Is she hallucinating? DeLillo is not concerned with the psychology behind this; a mysterious man Lauren loved is gone, and the world must fill his absence. Lauren's performance artistry requires constant attention to her own body. She uses sand and pumice stone on her skin and passes the time through breathing and poses and stretches as if she wants to so fully exist in the flesh that she can contrast with Rey's memory and this ghost of a man who dwells in the house with her. She shares days and days with him, but he gives her no clear answers about death. Instead, she arrives at a strange transcendence: "If there is no sequential order except for what we engender to make us safe in the world, then maybe it is possible, what, to cross from one nameless state to another, except that it clearly isn't."

"The plan was to organize time until she could live again," Lauren decides — a sentiment that feels so piercing now as we drift through a perpetual present.
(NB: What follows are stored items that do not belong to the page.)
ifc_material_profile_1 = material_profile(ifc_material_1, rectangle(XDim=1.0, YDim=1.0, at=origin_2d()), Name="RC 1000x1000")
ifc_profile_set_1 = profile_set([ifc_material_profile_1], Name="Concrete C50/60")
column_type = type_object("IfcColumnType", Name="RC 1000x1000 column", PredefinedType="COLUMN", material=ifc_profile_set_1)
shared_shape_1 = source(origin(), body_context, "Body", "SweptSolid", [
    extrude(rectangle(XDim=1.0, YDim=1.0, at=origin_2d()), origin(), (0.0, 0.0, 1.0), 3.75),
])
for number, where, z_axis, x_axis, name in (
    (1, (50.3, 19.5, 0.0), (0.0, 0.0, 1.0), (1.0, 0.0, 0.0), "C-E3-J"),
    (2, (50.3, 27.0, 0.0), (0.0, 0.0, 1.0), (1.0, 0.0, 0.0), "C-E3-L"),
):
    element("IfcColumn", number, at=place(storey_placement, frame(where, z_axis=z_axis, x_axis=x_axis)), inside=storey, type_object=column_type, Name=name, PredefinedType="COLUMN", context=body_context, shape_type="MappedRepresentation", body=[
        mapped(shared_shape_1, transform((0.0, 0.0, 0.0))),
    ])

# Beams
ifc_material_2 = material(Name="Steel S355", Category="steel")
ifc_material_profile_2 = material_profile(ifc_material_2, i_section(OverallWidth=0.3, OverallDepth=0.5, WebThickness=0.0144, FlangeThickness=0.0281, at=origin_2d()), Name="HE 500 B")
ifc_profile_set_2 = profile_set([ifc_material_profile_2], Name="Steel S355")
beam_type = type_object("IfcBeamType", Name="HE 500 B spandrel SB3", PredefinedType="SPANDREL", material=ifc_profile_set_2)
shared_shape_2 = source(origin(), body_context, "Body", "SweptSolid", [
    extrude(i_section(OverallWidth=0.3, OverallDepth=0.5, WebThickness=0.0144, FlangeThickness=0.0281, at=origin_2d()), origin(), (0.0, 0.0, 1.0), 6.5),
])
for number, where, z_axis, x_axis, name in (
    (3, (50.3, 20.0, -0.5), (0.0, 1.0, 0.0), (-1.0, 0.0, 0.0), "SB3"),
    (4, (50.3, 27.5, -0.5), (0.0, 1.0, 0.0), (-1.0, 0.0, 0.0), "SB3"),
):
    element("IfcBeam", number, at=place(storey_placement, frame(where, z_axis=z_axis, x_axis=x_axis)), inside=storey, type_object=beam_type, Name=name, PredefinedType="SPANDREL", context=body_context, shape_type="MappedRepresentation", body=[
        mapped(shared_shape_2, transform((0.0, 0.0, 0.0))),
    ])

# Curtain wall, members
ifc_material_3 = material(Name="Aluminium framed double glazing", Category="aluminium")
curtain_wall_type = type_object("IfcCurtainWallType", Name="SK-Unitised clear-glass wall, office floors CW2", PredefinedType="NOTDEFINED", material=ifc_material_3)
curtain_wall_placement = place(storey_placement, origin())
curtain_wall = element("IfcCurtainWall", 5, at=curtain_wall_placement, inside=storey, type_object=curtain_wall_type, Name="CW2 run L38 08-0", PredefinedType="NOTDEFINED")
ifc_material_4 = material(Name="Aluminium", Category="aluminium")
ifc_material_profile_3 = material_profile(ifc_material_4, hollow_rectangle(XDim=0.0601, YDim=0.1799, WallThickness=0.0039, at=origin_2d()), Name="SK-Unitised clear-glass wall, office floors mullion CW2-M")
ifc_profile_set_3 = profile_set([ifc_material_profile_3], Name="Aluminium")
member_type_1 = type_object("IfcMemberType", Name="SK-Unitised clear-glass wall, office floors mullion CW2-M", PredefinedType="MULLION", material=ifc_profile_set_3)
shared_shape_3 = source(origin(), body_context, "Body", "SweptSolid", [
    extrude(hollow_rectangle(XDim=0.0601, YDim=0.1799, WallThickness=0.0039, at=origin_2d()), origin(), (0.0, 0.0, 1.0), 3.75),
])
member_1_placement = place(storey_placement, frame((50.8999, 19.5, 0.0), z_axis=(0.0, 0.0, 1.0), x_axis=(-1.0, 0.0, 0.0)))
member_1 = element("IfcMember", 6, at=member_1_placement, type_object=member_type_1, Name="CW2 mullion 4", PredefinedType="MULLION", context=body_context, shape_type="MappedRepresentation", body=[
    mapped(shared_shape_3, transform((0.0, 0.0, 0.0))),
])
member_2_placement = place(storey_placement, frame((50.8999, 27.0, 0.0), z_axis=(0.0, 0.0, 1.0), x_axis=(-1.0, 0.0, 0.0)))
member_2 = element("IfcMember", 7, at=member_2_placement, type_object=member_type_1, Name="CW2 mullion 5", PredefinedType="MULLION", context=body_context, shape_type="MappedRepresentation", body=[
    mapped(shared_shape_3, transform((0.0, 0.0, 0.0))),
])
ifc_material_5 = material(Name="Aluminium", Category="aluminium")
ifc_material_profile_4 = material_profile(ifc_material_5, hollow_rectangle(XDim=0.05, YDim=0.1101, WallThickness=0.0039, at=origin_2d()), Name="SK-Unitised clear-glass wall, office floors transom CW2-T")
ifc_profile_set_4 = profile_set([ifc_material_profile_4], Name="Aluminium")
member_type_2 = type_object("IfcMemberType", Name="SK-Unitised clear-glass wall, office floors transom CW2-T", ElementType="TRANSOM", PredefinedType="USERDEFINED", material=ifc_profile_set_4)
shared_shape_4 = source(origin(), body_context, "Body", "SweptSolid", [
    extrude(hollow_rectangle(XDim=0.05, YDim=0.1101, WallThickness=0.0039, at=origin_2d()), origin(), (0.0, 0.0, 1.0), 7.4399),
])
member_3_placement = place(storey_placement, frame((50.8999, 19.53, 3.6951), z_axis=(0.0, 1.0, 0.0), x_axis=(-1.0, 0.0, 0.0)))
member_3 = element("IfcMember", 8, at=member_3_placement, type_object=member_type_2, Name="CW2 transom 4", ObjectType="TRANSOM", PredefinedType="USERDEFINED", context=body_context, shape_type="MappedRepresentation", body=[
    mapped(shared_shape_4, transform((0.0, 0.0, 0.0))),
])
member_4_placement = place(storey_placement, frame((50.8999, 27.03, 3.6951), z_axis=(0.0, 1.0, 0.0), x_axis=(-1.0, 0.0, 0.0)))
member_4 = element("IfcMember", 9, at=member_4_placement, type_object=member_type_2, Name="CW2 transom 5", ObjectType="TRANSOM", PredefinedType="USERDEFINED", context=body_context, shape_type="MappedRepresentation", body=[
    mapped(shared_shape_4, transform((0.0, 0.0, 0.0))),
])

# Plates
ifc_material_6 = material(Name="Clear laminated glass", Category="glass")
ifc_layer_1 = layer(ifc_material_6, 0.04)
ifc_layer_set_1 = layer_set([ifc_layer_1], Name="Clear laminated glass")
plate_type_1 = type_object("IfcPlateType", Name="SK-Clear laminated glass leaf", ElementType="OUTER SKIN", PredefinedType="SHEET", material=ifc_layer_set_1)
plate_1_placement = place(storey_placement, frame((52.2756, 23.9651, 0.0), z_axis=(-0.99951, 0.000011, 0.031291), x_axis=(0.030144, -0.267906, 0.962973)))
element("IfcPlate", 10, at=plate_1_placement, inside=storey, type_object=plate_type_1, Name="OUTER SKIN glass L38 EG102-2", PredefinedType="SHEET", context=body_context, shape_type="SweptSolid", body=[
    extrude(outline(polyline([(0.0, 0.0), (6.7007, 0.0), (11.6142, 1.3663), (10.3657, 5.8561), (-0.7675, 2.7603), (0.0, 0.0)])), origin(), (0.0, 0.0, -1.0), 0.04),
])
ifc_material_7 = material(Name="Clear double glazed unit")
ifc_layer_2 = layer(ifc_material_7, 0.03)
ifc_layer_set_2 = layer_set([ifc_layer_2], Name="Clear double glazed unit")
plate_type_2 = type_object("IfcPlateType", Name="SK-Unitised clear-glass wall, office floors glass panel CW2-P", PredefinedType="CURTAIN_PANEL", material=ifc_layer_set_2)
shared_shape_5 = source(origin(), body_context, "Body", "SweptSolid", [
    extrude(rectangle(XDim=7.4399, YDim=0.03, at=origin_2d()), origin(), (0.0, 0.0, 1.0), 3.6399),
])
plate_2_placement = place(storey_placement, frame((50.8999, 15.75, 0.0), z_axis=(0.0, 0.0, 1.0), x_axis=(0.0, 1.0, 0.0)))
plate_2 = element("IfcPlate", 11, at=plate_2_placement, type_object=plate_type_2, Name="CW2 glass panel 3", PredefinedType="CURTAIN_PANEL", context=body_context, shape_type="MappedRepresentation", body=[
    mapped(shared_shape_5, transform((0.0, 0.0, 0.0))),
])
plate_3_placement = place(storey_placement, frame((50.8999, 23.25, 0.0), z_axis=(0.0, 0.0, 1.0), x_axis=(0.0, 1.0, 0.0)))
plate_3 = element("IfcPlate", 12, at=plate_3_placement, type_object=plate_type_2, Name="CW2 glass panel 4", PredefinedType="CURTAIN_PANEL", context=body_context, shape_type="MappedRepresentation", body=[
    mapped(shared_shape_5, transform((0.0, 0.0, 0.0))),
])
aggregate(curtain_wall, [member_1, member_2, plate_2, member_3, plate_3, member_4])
A year into the pandemic, there is no past and no future: There is a permanent now — a waiting. We don't need to call DeLillo a prophet; his prescience is for the human condition, not seeing into the future. Twenty years later, The Body Artist feels not merely relevant, but essential: a book about drifting with grief as if it were wind: a rush that "strips you of assurances, working into you, continuous, making you feel the hidden thinness of everything around you, all the solid stuff of a hundred undertakings — the barest makeshift flimsy."